2.2. Studied Variables

The study included data on age; gender; duration of T2DM; standardized glycated hemoglobin (HbA1c) values, using the most recent value of the preceding 15 months; and risk factors and diabetic complications, including body mass index (BMI) (most recent value in the last 24 months), microvascular complications (diabetic retinopathy, nephropathy or neuropathy), and macrovascular complications (coronary artery disease, recent myocardial infarction of a duration less than 1 year, stroke, peripheral artery disease, and heart failure). Pharmacological treatments were extracted from prescription- and pharmacy-invoicing data provided by the CatSalut general database and included the use of any NIADs as monotherapy or in combination with other glucose-lowering drugs (e.g., insulin) licensed at that time in Spain, namely, metformin, sulfonylureas, meglitinides, alpha-glucosidase inhibitors (AGIs), pioglitazone, dipeptidyl peptidase-4 inhibitors (DPP-4i), and glucagon-like peptide-1 receptor agonists (GLP-1ra).

The following major conditions were considered a potential contraindication for some drugs based on the summary of product characteristics (SmPC), international expert consensus documents, or clinical guidelines: (i) renal failure, defined as a glomerular filtration rate (GFR) < 60 mL/min/1.73 m2, and severe renal failure (GFR < 30 mL/min/1.73 m2), estimated with the Chronic Kidney Disease Epidemiology Collaboration (CKD-EPI) equation [21]; (ii) liver dysfunction, defined as hepatic enzymes over 3 times the upper limit of normal levels (either glutamyl oxaloacetic transaminase (GOT) or glutamyl pyruvic transaminase (GPT) > 120 IU/L or gamma-glutamyl transferase (GGT) > 150 IU/L); (iii) heart failure (globally and New York Heart Association (NYHA) class III or IV) functional stage [22]; and (iv) history of bladder cancer.
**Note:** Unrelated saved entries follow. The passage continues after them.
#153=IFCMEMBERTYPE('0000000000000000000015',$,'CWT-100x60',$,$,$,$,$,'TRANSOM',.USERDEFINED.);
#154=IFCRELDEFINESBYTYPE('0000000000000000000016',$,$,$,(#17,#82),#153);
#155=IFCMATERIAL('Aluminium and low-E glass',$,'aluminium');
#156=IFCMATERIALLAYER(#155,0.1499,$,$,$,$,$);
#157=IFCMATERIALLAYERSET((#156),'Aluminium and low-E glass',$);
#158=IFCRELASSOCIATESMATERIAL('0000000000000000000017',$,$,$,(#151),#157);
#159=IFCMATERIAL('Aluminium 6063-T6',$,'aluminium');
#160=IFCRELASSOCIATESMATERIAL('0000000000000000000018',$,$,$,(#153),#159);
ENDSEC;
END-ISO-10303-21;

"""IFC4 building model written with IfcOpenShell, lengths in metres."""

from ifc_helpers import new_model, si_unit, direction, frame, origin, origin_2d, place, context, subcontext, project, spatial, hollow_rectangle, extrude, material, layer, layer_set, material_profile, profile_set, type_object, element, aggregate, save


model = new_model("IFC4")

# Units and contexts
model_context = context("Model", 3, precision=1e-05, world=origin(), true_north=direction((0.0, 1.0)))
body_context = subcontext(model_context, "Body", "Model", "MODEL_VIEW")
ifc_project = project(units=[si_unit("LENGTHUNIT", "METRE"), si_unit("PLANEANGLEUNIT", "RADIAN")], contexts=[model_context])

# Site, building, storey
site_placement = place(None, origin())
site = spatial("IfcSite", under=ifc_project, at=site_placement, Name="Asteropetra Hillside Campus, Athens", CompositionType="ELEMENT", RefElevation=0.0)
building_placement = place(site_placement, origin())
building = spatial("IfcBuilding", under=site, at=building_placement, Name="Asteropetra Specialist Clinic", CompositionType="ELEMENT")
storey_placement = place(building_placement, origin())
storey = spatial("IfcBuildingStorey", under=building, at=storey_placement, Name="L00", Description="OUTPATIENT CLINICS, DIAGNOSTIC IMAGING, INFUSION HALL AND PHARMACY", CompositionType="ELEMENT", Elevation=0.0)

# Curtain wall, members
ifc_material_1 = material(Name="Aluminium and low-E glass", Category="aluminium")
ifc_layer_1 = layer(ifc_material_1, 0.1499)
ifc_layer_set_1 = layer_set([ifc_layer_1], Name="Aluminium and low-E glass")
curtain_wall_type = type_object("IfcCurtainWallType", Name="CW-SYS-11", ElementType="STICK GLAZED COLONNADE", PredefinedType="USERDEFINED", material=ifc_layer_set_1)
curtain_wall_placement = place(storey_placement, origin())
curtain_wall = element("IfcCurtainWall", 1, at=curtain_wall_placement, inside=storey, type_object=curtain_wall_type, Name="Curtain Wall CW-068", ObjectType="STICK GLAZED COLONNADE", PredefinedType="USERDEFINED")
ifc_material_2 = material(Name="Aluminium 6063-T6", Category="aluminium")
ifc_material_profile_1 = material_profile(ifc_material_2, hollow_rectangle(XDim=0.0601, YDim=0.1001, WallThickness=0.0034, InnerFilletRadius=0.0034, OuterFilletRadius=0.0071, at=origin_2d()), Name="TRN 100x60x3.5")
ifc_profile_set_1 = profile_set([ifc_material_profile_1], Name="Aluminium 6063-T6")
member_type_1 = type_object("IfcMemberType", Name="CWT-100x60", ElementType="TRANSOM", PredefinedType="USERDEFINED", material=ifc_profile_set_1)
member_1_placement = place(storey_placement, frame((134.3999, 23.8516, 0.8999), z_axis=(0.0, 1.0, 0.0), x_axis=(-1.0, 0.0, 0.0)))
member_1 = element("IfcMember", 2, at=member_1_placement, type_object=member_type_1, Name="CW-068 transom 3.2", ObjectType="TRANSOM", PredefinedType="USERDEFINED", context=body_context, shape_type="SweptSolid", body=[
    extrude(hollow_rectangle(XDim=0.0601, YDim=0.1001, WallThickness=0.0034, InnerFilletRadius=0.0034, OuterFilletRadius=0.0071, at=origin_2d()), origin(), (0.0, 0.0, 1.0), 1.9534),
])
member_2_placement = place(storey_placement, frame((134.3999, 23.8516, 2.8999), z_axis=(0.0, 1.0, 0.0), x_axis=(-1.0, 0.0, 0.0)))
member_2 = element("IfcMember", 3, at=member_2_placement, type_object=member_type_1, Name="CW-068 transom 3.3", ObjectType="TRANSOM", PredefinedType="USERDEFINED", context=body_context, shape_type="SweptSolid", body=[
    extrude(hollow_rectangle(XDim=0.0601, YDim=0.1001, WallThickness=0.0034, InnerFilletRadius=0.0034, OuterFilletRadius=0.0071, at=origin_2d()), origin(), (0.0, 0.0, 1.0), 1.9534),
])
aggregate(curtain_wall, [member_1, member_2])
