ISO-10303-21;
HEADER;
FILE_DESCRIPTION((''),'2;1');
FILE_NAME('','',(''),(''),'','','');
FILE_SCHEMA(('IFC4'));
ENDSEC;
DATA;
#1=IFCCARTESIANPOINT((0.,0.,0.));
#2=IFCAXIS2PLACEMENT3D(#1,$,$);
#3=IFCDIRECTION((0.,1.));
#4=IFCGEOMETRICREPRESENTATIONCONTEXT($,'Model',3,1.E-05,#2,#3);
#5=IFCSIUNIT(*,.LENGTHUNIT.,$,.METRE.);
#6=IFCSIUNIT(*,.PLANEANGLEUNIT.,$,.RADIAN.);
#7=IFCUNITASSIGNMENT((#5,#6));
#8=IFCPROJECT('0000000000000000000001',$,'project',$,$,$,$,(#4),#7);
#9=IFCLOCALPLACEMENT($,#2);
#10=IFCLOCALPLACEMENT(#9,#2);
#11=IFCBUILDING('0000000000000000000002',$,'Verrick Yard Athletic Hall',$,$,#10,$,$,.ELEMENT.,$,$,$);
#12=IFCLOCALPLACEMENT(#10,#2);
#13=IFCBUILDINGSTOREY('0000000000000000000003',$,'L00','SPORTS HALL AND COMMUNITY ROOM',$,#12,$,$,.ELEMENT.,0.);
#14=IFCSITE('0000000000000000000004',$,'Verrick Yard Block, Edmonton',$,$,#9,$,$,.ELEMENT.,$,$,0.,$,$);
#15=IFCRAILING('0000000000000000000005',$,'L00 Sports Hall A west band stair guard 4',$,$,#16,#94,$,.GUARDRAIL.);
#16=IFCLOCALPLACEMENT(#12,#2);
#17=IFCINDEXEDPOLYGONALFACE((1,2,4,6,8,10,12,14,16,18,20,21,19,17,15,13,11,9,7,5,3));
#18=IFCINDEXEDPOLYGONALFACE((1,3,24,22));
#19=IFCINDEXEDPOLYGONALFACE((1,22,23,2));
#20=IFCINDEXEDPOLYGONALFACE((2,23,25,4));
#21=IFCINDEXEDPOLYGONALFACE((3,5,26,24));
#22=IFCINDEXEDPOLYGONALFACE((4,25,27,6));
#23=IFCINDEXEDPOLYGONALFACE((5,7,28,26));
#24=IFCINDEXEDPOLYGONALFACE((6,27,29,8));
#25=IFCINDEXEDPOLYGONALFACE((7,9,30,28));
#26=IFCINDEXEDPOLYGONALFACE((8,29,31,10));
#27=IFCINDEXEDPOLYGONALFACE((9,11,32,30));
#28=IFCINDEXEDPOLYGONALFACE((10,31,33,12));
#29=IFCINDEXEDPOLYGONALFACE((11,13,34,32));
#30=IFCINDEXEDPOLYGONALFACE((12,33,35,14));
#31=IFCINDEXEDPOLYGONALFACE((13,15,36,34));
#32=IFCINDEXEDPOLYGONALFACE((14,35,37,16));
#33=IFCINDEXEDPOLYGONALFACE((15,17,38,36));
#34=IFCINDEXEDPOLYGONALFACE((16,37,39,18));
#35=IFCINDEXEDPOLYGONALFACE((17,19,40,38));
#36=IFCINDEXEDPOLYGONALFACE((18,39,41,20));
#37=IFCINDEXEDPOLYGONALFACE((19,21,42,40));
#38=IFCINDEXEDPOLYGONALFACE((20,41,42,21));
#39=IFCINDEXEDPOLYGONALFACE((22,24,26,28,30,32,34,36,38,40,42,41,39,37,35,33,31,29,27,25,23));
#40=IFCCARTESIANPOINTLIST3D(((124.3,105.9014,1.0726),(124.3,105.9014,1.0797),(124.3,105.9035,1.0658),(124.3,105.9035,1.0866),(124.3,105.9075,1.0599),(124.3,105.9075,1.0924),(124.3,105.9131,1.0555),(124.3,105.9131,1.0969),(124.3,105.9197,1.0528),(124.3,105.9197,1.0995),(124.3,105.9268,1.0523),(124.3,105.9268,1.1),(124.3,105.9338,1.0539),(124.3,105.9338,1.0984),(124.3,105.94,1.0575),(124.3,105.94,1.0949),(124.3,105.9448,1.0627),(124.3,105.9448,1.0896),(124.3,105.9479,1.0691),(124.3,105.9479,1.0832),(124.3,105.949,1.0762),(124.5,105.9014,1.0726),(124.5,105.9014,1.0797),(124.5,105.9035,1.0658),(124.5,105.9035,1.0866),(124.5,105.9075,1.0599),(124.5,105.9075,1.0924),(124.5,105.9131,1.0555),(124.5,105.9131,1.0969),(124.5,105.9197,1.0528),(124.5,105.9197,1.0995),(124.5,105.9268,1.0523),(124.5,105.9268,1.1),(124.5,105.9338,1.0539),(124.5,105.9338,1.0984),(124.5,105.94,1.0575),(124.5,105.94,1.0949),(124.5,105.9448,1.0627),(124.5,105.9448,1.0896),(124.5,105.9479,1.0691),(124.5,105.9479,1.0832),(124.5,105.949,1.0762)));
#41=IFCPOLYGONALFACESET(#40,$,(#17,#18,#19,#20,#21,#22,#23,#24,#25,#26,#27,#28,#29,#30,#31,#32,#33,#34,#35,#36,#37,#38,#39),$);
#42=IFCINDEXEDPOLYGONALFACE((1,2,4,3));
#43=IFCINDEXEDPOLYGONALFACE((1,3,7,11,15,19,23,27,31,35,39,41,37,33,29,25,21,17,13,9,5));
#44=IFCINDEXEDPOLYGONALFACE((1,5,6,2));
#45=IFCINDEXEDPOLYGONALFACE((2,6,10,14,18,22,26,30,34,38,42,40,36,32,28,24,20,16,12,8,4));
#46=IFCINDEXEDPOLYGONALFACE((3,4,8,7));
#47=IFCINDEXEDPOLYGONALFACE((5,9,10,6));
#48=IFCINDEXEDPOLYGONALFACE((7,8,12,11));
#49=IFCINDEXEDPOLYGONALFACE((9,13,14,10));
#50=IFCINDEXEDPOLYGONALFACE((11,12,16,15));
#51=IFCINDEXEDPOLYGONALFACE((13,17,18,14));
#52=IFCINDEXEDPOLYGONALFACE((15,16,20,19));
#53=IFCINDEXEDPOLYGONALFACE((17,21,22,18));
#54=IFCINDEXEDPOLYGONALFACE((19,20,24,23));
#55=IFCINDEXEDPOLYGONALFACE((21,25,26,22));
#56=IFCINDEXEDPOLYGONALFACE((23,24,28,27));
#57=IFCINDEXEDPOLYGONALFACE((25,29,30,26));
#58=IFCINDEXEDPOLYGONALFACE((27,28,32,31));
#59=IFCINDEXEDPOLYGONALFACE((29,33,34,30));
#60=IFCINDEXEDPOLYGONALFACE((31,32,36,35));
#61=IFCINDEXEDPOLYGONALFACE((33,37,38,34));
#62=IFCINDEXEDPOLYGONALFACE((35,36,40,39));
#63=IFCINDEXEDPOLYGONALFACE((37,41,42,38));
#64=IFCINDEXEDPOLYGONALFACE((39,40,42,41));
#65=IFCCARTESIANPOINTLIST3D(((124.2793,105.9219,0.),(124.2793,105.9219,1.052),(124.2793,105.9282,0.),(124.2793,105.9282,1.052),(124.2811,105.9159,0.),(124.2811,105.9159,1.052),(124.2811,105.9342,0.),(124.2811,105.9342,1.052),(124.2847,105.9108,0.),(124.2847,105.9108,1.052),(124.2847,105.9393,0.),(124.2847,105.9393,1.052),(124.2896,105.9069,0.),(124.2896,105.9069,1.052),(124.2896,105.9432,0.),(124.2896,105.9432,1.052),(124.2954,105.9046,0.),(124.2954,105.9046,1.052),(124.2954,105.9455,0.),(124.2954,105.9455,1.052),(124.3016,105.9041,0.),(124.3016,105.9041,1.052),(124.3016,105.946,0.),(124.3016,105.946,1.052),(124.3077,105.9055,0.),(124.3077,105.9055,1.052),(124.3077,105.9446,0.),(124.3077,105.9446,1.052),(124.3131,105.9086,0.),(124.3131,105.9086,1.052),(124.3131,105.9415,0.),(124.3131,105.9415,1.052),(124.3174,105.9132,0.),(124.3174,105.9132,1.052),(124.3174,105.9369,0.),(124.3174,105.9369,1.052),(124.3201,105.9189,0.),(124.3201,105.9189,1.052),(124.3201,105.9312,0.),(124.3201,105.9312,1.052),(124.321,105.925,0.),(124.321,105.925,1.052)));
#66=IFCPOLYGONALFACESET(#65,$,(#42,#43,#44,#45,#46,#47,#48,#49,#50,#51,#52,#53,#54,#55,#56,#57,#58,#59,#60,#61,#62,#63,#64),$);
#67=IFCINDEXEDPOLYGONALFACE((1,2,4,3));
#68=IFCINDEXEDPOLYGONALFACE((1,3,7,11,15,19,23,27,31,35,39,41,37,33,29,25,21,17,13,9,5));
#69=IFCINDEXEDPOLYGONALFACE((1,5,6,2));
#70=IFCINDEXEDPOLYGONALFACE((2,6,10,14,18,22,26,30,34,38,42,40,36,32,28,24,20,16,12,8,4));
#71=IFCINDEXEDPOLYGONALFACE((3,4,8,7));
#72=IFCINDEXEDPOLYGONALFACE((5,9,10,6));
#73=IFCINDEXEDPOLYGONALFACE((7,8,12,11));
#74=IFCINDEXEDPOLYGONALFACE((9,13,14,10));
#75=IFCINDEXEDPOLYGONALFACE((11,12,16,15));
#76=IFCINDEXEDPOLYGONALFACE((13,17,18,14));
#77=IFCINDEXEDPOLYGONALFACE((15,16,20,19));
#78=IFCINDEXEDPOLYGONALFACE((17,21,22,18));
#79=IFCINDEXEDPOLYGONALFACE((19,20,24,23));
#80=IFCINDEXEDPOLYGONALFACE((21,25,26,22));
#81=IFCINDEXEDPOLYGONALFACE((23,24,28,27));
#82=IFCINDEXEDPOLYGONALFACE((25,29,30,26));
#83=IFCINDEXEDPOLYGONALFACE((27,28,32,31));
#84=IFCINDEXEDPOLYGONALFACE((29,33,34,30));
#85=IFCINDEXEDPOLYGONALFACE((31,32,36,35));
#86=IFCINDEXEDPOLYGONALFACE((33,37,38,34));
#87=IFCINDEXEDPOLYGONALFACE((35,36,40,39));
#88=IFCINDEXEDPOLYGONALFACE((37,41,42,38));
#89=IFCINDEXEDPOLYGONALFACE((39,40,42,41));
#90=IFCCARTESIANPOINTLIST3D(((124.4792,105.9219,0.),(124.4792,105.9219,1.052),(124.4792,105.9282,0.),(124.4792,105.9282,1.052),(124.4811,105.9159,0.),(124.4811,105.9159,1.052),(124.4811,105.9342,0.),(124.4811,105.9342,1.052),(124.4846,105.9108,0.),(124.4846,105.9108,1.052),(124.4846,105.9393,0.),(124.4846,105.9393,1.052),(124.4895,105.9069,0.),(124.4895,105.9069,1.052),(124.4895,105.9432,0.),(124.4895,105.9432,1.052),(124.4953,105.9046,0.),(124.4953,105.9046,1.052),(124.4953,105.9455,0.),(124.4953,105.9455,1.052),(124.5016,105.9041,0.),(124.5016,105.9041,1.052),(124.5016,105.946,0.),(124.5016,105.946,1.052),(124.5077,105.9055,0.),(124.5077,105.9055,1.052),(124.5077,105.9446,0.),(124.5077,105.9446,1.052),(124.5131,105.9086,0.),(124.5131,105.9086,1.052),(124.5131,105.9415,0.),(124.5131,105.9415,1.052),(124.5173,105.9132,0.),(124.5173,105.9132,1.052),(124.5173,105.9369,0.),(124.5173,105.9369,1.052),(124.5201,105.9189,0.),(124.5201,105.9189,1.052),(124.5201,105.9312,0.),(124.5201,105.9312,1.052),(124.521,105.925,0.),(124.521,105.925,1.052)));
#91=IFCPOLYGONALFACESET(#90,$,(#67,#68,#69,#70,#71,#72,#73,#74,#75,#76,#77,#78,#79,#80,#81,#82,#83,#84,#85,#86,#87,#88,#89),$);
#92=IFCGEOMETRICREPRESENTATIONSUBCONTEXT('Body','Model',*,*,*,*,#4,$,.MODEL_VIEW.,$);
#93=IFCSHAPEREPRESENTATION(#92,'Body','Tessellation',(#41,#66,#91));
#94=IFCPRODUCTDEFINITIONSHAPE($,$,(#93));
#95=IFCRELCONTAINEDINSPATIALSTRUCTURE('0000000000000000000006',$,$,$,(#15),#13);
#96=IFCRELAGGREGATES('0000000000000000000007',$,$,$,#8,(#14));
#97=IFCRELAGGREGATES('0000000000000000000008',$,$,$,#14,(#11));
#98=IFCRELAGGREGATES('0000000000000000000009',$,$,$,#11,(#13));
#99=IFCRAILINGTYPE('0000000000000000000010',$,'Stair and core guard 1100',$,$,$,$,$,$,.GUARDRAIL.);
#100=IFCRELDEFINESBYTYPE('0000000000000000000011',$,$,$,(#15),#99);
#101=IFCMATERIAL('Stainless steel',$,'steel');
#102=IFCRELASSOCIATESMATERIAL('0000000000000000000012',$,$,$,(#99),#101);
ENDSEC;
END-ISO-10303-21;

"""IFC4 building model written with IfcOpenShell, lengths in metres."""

from ifc_helpers import new_model, si_unit, direction, frame, origin, origin_2d, place, context, subcontext, project, spatial, circle, extrude, material, type_object, element, save


model = new_model("IFC4")

# Units and contexts
model_context = context("Model", 3, precision=1e-05, world=origin(), true_north=direction((0.0, 1.0)))
body_context = subcontext(model_context, "Body", "Model", "MODEL_VIEW")
ifc_project = project(units=[si_unit("LENGTHUNIT", "METRE"), si_unit("PLANEANGLEUNIT", "RADIAN")], contexts=[model_context])

# Site, building, storey
site_placement = place(None, origin())
site = spatial("IfcSite", under=ifc_project, at=site_placement, Name="Verrick Yard Block, Edmonton", CompositionType="ELEMENT", RefElevation=0.0)
building_placement = place(site_placement, origin())
building = spatial("IfcBuilding", under=site, at=building_placement, Name="Verrick Yard Athletic Hall", CompositionType="ELEMENT")
storey_placement = place(building_placement, origin())
storey = spatial("IfcBuildingStorey", under=building, at=storey_placement, Name="L00", Description="SPORTS HALL AND COMMUNITY ROOM", CompositionType="ELEMENT", Elevation=0.0)

# Railing
ifc_material_1 = material(Name="Stainless steel", Category="steel")
railing_type_1 = type_object("IfcRailingType", Name="Stair and core guard 1100", PredefinedType="GUARDRAIL", material=ifc_material_1)
railing_1_placement = place(storey_placement, frame((124.3, 105.925, 0.0)))
element("IfcRailing", 1, at=railing_1_placement, inside=storey, type_object=railing_type_1, Name="L00 Sports Hall A west band stair guard 4", PredefinedType="GUARDRAIL", context=body_context, shape_type="SweptSolid", body=[
    extrude(circle(Radius=0.0239, at=origin_2d()), frame((0.0, 0.0, 1.0762), z_axis=(1.0, 0.0, 0.0), x_axis=(0.0, 1.0, 0.0)), (0.0, 0.0, 1.0), 0.2),
    extrude(circle(Radius=0.021, at=origin_2d()), origin(), (0.0, 0.0, 1.0), 1.052),
    extrude(circle(Radius=0.021, at=origin_2d()), frame((0.2, 0.0, 0.0)), (0.0, 0.0, 1.0), 1.052),
])

save(model, "model.ifc")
This study was approved by the Ethics Committee of the Primary Health Care University Research Institute (IDIAP) Jordi Gol.

2.3. Statistical Analysis

Descriptive analyses were summarized by mean and standard deviation for continuous variables and absolute frequency and percentages for categorical variables. All statistical calculations were performed using StataCorp 2009 (Stata Statistical Software: Release 11. College Station, TX: StataCorp, LP).

3. Results

Clinical and demographic characteristics of the patients included in the study are shown in Table 1. Records were retrieved from a total of 255,499 patients with T2DM who during 2013 were prescribed antidiabetic pharmacological treatment based on a NIAD alone or in combination. The mean age of the patients was 68.0 years (standard deviation (SD) = 11.0), with a mean duration of T2DM of 8.0 years (SD = 5.6). The most common NIADs prescribed in pharmacologically treated cases were metformin (in 88.4% of patients), sulfonylureas (31.1%), and DPP4i (15.5%).


Characteristic = 255,499

Age, mean (SD), years68.0 (11.0)
Gender, (%)
 Female114,181 (44.7%)
 Male141,318 (55.3%)
T2DM duration, mean (SD), years8.0 (5.6)
HbA1c, mean (SD), %7.3 (1.4)
BMI, mean (SD), kg/m230.3 (5.2)
Renal failure (GFR < 60 mL/min), (%)40,666 (20.1%)
Severe renal failure (GFR < 30 mL/min), (%)2,014 (1.0%)
Complications, (%)
 Patients with registered severe hypoglycemia episodes463 (0.2%)
 Diabetic retinopathy19,857 (7.8%)
 ACR > 300 mg/g6,661 (2.6%)
 Diabetic neuropathy7,509 (2.9%)
 Ischemic heart disease31,145 (12.2%)
 Stroke15,158 (5.9%)
 Peripheral artery disease12,295 (4.8%)
 Heart failure13,276 (5.2%)
 Any macrovascular complication51,007 (20.0%)
Glucose-lowering treatment, alone or in combination, (%)
 Metformin225,753 (88.4%)
 Sulfonylureas79,472 (31.1%)
 Meglitinides16,941 (6.6%)
 AGIs1,877 (0.7%)
 Pioglitazone3,290 (1.3%)
 DPP4i39,682 (15.5%)
 GLP-1ra2,374 (0.9%)
 Insulin with a NIAD46,150 (18.1%)

Out of 199,523 patients with available HbA1c records.
Out of 195,674 patients with available GFR records.
ACR: albumin/creatinin ratio; AGI: alpha-glucosidase inhibitors; BMI: body mass index; DPP4i: dipeptidyl peptidase-4 (DPP-4) inhibitors; GLP-1ra: glucagon-like peptide-1 (GLP-1) receptor agonists; GFR: glomerular filtration rate; HbA1c: glycated hemoglobin; NIAD: noninsulin antidiabetic drug; SD: standard deviation; T2DM: type 2 diabetes mellitus.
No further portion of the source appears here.